The tents seem to be everywhere now — Wall Street, London, Hong Kong, Madrid — but very little really comes close to what happened in Israel this summer: thousands camping out, hundreds of thousands marching, a society transformed. “It’s all part of the same thing. It’s people saying, ‘We want to be in charge,'” says Stav Shaffir, 26, one of the first Israeli campers. Says Yonatan Levi, also 26, and also an early organizer, on the comparison with the scale of things in New York City: “Sadly I think we were much more successful in transmitting our message and our ability to show up in great numbers. I mean, a half million to a million people!”

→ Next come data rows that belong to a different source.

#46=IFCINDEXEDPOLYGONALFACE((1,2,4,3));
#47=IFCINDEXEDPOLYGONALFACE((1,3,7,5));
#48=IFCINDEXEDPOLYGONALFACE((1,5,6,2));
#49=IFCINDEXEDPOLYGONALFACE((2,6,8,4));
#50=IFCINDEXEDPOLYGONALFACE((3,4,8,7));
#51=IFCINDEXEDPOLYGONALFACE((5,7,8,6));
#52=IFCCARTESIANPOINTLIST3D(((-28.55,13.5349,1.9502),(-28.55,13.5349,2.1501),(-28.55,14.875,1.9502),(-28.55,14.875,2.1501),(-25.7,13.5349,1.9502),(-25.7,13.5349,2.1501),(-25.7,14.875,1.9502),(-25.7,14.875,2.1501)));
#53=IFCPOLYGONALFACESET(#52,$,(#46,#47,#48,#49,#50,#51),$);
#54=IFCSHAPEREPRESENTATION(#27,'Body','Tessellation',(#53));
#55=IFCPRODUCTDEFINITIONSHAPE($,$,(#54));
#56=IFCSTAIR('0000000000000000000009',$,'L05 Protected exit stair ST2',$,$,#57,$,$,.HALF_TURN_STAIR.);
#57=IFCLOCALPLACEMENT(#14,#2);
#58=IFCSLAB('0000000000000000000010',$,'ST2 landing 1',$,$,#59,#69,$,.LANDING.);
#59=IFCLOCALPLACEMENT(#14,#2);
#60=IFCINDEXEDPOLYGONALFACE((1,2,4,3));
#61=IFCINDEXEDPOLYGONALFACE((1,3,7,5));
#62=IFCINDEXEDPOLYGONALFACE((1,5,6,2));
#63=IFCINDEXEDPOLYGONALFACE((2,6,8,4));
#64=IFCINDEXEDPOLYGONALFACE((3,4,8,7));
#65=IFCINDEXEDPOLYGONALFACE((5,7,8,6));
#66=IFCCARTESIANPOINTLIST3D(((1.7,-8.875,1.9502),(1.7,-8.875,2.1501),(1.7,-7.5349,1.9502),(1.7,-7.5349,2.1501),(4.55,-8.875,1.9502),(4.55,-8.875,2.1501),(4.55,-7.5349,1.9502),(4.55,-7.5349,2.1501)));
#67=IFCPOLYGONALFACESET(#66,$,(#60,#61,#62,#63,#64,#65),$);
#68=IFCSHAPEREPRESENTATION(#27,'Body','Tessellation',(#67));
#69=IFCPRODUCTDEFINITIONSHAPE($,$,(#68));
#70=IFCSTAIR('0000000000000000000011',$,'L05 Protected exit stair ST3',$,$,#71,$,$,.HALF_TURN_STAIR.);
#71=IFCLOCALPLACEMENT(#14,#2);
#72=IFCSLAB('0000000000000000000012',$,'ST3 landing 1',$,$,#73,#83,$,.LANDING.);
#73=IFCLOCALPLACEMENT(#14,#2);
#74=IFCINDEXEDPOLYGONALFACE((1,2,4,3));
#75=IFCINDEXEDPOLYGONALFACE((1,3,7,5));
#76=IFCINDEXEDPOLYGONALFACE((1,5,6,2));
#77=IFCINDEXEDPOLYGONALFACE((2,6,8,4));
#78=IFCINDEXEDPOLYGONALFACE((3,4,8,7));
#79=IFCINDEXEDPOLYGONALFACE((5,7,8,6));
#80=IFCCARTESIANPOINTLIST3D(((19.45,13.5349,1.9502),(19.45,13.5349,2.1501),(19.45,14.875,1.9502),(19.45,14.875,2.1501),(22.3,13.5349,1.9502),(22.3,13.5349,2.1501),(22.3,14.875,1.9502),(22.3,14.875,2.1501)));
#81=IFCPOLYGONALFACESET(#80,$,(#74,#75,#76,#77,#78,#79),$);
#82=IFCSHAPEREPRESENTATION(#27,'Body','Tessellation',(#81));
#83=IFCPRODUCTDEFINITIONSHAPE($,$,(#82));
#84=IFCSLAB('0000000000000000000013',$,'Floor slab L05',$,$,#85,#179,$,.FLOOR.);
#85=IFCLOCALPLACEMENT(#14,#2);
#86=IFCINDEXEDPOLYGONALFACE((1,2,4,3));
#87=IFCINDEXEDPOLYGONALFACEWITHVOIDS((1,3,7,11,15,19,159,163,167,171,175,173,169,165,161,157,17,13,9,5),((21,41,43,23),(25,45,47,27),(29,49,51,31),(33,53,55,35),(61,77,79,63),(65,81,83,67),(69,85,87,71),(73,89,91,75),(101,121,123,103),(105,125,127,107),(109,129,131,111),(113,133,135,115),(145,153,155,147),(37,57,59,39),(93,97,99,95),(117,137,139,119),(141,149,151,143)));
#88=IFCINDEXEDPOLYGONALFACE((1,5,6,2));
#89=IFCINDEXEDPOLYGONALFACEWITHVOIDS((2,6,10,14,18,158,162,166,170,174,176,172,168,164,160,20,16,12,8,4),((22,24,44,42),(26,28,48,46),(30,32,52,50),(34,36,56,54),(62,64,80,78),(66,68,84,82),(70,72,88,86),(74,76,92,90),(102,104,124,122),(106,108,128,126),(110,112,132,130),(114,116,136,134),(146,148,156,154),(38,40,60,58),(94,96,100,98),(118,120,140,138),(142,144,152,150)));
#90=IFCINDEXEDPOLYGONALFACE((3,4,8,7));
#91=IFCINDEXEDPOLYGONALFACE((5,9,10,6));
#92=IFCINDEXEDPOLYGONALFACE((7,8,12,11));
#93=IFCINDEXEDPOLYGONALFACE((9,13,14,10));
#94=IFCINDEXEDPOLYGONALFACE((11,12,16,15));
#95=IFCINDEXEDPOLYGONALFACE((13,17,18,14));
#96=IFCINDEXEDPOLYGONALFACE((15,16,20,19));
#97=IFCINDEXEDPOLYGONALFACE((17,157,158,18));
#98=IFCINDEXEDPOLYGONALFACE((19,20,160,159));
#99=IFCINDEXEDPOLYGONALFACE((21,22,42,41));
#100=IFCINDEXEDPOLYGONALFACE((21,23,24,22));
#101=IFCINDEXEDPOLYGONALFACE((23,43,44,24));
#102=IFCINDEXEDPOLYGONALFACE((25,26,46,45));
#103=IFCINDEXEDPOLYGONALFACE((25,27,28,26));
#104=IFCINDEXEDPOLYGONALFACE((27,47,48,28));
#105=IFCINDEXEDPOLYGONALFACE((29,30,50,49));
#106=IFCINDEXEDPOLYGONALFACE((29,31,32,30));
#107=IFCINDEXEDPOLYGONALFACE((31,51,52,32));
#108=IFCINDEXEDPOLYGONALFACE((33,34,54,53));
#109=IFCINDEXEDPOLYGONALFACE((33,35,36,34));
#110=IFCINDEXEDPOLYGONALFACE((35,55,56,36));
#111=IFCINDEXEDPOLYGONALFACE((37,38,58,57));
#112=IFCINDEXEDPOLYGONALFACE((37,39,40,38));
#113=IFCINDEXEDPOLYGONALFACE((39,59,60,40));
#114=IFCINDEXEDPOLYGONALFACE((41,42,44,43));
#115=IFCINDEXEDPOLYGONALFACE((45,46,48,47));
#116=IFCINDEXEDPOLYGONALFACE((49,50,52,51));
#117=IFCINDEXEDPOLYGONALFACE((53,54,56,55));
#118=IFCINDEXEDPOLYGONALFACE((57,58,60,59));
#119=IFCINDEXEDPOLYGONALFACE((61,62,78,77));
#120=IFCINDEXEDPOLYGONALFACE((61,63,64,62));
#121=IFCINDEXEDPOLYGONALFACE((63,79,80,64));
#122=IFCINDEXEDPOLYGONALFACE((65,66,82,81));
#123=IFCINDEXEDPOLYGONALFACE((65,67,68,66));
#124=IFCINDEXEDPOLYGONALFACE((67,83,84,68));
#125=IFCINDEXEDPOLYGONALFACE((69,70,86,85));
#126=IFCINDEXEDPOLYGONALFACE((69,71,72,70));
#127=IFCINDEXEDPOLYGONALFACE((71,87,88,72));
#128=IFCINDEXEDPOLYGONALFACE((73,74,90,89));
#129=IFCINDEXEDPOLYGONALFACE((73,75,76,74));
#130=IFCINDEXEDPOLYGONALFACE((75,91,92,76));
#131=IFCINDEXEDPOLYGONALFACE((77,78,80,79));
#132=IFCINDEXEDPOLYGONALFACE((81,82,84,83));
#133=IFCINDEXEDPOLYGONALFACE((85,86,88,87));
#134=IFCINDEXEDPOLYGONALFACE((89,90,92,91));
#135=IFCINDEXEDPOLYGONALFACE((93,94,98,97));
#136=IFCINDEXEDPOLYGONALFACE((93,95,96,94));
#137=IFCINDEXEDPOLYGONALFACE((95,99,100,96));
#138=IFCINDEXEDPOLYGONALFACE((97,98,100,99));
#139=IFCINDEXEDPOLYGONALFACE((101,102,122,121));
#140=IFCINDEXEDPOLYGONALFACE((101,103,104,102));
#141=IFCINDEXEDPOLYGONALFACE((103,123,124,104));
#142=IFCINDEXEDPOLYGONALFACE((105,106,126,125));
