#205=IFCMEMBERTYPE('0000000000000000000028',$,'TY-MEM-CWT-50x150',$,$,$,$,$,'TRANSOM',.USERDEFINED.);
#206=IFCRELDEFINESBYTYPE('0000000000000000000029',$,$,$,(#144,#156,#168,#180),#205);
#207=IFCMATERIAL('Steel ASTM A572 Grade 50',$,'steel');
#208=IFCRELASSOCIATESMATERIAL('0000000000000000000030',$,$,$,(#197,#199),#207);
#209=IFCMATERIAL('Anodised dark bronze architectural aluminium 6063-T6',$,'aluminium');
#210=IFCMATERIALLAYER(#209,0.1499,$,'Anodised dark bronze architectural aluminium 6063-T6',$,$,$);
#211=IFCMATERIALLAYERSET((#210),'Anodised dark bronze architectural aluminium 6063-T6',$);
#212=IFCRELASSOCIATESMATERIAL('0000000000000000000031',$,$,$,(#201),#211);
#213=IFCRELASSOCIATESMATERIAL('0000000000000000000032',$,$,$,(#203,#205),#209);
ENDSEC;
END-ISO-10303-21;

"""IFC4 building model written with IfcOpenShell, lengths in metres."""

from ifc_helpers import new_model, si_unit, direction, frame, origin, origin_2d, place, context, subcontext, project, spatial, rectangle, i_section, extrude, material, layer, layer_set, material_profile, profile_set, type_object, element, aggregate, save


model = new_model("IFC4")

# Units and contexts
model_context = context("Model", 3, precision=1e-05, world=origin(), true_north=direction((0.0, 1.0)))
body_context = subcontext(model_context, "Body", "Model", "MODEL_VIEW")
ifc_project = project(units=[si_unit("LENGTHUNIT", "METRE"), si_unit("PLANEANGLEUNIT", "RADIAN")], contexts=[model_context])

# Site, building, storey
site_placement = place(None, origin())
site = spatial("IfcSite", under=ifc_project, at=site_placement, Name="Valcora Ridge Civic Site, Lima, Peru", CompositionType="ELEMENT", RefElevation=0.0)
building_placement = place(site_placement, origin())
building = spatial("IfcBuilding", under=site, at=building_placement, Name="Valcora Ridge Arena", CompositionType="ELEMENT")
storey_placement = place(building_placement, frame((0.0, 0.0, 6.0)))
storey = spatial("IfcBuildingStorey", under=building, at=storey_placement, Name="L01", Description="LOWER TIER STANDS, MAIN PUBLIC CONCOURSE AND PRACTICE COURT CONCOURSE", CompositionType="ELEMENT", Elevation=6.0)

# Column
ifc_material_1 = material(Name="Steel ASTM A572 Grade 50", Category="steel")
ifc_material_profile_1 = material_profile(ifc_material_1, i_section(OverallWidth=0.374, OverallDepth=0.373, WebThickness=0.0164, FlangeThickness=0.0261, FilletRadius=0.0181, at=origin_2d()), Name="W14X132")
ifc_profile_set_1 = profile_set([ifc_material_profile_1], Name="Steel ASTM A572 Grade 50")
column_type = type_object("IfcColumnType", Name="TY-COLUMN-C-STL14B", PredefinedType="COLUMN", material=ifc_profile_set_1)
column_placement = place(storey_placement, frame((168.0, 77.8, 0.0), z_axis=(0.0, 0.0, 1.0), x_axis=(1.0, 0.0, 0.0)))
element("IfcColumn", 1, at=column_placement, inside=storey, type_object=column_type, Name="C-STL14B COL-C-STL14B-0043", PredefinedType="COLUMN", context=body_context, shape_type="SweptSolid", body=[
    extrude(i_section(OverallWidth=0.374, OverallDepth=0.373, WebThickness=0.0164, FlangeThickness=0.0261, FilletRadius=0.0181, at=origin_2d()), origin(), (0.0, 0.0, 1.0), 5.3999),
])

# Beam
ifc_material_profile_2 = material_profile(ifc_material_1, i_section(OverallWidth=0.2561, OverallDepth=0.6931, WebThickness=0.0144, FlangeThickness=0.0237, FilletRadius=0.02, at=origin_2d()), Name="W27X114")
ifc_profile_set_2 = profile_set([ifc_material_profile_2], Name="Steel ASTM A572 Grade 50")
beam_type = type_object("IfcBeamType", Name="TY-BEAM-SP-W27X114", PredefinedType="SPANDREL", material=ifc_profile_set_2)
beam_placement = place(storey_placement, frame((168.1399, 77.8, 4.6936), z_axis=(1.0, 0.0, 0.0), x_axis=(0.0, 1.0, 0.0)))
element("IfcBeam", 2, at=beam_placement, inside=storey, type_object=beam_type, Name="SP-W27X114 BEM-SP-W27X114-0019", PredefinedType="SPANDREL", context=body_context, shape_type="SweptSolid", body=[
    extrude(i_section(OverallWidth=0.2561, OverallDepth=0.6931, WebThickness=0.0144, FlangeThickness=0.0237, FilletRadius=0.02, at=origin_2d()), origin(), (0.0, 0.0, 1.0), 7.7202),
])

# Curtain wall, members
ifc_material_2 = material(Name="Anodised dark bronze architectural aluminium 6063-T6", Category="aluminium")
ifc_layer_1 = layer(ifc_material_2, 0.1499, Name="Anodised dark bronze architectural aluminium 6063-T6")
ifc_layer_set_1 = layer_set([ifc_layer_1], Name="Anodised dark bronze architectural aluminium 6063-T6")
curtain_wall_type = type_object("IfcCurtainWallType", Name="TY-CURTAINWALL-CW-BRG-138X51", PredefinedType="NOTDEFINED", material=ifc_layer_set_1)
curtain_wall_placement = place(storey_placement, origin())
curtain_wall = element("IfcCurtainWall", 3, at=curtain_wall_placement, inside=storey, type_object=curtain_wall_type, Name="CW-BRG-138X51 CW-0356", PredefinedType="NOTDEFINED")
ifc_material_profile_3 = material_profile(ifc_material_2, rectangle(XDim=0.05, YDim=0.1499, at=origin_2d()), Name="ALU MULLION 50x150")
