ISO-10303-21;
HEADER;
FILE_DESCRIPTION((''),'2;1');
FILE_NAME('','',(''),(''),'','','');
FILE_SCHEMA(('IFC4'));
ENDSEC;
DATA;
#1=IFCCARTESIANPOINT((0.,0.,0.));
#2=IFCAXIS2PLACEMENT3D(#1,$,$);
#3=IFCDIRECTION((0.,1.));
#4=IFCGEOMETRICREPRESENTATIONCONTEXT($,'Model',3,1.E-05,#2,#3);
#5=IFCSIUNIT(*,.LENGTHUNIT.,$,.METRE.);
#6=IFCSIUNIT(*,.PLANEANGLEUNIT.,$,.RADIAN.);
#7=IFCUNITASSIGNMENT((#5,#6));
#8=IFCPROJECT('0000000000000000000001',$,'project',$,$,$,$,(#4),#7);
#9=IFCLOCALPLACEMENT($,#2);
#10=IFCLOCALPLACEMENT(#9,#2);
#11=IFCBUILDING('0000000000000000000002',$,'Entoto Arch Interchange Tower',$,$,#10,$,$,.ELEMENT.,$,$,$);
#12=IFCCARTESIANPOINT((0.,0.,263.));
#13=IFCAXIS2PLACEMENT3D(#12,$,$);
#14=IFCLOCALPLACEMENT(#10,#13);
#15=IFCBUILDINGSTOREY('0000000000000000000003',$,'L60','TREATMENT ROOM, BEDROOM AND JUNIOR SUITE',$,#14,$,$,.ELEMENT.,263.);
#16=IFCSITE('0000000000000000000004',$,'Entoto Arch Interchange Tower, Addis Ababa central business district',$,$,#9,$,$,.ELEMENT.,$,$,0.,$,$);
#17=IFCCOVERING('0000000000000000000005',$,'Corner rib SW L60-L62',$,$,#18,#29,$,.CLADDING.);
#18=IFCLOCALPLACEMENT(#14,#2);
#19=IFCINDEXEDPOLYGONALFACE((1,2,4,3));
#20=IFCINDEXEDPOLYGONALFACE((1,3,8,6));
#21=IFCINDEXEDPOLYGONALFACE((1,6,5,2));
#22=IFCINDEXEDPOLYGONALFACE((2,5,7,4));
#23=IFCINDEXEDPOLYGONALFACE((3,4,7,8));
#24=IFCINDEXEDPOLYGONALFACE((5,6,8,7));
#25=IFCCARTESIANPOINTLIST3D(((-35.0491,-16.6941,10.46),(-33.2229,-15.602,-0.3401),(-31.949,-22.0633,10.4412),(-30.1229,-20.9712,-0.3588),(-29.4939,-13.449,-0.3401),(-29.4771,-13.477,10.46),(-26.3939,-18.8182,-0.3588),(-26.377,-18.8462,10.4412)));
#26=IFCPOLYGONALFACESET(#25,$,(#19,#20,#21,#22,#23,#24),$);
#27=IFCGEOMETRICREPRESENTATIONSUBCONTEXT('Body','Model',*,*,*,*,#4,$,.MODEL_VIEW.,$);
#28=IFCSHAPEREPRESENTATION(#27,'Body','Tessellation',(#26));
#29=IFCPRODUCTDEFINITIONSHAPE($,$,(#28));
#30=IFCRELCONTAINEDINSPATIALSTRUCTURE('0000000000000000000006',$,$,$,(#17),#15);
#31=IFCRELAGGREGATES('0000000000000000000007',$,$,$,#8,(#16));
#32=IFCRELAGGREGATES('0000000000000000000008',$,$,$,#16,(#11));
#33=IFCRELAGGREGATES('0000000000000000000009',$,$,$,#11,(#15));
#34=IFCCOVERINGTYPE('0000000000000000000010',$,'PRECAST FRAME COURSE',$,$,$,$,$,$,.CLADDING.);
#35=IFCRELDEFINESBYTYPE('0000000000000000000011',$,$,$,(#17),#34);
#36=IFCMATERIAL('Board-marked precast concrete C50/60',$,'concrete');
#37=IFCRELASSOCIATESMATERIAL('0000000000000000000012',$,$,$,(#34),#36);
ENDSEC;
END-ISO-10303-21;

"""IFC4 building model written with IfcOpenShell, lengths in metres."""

from ifc_helpers import new_model, si_unit, direction, frame, origin, place, context, subcontext, project, spatial, polyline, outline, extrude, material, type_object, element, save


model = new_model("IFC4")

# Units and contexts
model_context = context("Model", 3, precision=1e-05, world=origin(), true_north=direction((0.0, 1.0)))
body_context = subcontext(model_context, "Body", "Model", "MODEL_VIEW")
ifc_project = project(units=[si_unit("LENGTHUNIT", "METRE"), si_unit("PLANEANGLEUNIT", "RADIAN")], contexts=[model_context])

# Site, building, storey
site_placement = place(None, origin())
site = spatial("IfcSite", under=ifc_project, at=site_placement, Name="Entoto Arch Interchange Tower, Addis Ababa central business district", CompositionType="ELEMENT", RefElevation=0.0)
building_placement = place(site_placement, origin())
building = spatial("IfcBuilding", under=site, at=building_placement, Name="Entoto Arch Interchange Tower", CompositionType="ELEMENT")
storey_placement = place(building_placement, frame((0.0, 0.0, 263.0)))
storey = spatial("IfcBuildingStorey", under=building, at=storey_placement, Name="L60", Description="TREATMENT ROOM, BEDROOM AND JUNIOR SUITE", CompositionType="ELEMENT", Elevation=263.0)

# Covering
ifc_material_1 = material(Name="Board-marked precast concrete C50/60", Category="concrete")
covering_type = type_object("IfcCoveringType", Name="PRECAST FRAME COURSE", PredefinedType="CLADDING", material=ifc_material_1)
covering_placement = place(storey_placement, frame((-29.4939, -13.449, -0.3401), z_axis=(-0.500009, 0.866015, 0.003026), x_axis=(-0.866019, -0.500012, 0.0)))
element("IfcCovering", 1, at=covering_placement, inside=storey, type_object=covering_type, Name="Corner rib SW L60-L62", PredefinedType="CLADDING", context=body_context, shape_type="SweptSolid", body=[
    extrude(outline(polyline([(0.0, 0.0), (4.306, 0.0), (6.4335, 10.8001), (-0.0005, 10.8001), (0.0, 0.0)])), origin(), (0.0, 0.0, -1.0), 6.2),
])

save(model, "model.ifc")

The tent protests in Tel Aviv began in muggy mid-July with a handful of young people pitching tents to protest the skyrocketing price of housing in Israel. (Tents, get it?) The first night the reporters outnumbered the protesters, but a chord had been struck. The focus quickly widened to take in a wide gamut of shared complaints about an economy that looked great at the macro level, but had created a growing gap between rich and poor. Inspired in part by the Arab Spring — “People thought, Wow, if they can do it, why can’t we do it?” says Shaffir — and in part by Madrid’s Indignants movement, the Israeli protests combined and managed the contagious spread seen in Israel’s neighbors as well as the difficult economic and social issues similar to those that emerged in Spain. Ground zero, fittingly enough, in the Tel Aviv protests was Rothschild Boulevard, a shady walkway named for a fabulously wealthy family who helped found Israel as a state originally grounded in social welfare. Within two weeks, 40 camps had sprung up around the country. Two weeks later, the camps numbered 100 and marchers 350,000, a whopping turnout in a country of just 7 million.